She was a stunning girl. And just from the pictures you can really see her personality. The anniversarys are so hard but remembering the fun happy times I think does help. She will always be in your heart and you will get to see each other again.


----------



## twinny41 (Feb 13, 2008)

Very touching tribute for your beautiful girl. She was very, very blessed to have found you and such happiness in her life. So sorry you lost her.


----------



## goldencontriever3 (Nov 7, 2008)

What a beautiful girl. I am so sorry for your loss.


----------



## goldensmum (Oct 23, 2007)

Laura was a beautiful girl, Anniversaries are always so hard, even though we think we are prepared for them. 

Run free play hard and sleep softly Laua


----------



## honeysmum (Dec 4, 2007)

I hope the happy memories of Laura help get you through today anniversary's are hard and the first doubly so.
Laura was a very pretty girl I love the photo of her on the couch.


----------



## sharlin (Feb 26, 2007)

Play Hard Sweet Girl ~ Thank You for all your love.








http://www.goldenretrieverforum.com/gallery/displayimage.php?imageid=13980


----------



## AtticusJordie (Aug 15, 2006)

She's a sweetheart--I'm sure that she thanked you every day for bringing her home and giving her such a loving family for those nine short years.

Our thoughts are with you.

SJ


----------



## pburchins (Mar 11, 2009)

Casey,

What a beautiful girl Ra Ra was.

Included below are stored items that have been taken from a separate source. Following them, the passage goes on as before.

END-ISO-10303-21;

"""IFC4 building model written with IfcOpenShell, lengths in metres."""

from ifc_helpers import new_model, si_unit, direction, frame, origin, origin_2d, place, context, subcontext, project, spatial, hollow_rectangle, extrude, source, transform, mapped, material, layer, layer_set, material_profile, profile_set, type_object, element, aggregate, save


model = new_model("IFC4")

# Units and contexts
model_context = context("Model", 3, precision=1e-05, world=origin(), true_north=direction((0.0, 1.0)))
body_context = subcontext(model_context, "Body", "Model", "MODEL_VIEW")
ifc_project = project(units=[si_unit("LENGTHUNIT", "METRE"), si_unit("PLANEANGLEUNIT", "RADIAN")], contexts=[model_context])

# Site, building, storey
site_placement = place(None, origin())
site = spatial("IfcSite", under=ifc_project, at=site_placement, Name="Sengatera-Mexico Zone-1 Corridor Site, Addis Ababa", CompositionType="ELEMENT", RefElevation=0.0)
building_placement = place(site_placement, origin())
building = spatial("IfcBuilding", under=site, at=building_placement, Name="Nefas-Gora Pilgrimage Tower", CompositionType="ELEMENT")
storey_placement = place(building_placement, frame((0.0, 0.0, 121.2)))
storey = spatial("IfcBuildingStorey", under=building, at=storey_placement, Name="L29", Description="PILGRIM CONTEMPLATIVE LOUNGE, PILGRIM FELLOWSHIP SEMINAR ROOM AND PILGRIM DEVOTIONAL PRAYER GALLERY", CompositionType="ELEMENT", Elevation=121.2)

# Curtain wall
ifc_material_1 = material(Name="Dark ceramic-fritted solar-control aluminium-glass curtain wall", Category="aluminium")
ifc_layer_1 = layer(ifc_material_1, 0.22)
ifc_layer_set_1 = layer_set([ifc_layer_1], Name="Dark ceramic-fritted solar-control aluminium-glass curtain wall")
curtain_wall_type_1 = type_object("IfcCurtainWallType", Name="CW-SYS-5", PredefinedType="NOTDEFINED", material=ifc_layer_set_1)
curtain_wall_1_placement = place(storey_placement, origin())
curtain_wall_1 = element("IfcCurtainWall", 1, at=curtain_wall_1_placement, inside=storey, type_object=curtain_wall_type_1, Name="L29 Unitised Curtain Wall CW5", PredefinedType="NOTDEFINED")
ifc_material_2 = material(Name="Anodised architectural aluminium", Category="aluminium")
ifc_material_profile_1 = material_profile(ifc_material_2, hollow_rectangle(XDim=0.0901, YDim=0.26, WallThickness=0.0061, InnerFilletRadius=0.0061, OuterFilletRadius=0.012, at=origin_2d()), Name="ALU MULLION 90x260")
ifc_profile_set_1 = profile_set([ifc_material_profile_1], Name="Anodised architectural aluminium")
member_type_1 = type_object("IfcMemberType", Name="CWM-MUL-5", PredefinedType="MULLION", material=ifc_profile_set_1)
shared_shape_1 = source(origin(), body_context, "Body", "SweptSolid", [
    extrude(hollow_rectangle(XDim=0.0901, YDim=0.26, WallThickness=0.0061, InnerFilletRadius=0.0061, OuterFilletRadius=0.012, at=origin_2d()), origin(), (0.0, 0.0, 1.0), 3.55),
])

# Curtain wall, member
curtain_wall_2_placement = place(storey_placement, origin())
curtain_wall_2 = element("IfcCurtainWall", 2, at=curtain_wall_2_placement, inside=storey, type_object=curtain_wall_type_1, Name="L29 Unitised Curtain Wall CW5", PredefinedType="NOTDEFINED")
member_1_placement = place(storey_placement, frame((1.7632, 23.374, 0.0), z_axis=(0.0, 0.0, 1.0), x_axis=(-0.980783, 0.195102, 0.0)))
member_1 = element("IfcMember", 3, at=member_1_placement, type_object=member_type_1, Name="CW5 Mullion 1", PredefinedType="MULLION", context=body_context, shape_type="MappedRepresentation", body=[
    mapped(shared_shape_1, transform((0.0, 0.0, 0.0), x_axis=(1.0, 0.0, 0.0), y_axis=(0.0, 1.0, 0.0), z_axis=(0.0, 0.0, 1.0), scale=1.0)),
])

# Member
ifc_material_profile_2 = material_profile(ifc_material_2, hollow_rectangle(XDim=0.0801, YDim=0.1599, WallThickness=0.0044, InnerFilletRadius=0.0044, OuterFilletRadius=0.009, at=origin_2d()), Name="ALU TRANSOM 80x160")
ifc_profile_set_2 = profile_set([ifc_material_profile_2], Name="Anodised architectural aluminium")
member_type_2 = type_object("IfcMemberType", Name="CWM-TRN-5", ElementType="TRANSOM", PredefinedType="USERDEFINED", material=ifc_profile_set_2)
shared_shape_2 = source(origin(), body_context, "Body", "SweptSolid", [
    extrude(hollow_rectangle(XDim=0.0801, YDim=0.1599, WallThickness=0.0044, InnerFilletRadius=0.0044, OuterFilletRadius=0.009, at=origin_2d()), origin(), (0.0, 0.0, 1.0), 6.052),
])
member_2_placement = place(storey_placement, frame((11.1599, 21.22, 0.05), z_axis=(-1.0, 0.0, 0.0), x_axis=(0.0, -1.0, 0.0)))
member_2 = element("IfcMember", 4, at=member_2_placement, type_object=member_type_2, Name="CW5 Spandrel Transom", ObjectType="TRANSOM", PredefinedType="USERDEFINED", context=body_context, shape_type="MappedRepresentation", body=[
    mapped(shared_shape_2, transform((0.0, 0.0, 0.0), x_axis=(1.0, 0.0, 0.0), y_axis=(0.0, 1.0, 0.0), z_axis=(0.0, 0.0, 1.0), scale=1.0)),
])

I love the white face on the older goldens. We lost our 13 year old on Valentines Day so we know what you mean about a special day just for him.

How long did you have Ra Ra ? I am amazed that someone did not come looking for her at the rescue place. I love the photo of her on the paisley couch with her on her back. That pose alone shows a golden is happy and content. Our new boy Riley sleeps on the end of our bed like that and every once in awhile he starts to wag his tail. I wonder what he dreams about to make him wag his tail.

I can empathize with you .......I think of our Riker daily and speak about him all the time. While there is longer time between tears I never forget him. I was very lucky to have him in my life and it appears you were just as lucky havng Ra Ra in yours.

Thanks for sharing Ra Ra with us !


----------



## GoldenHeart6-2 (Aug 29, 2009)

I am truly sorry for your loss. We lost our Golden heart Samantha in August to hemangiosarcoma. She was only 8. Your pictures are wonderful! Goldens are so special!


----------



## maggie1951 (Apr 20, 2007)

So sorry for your loss she was a very lovely girl and these anniversery's are so hard.

Play hard at the bridge with lovely girls.


----------



## mylissyk (Feb 25, 2007)

When you miss them and love them like this, they did their job here on earth.


----------



## Karen519 (Aug 21, 2006)

*Laura*

Laura is just beautiful!
I am SO SORRY.
ANNIVERSARIES are so very hard.
I know Laura is runnning and playing with my dogs at the Rainbow Bridge.


----------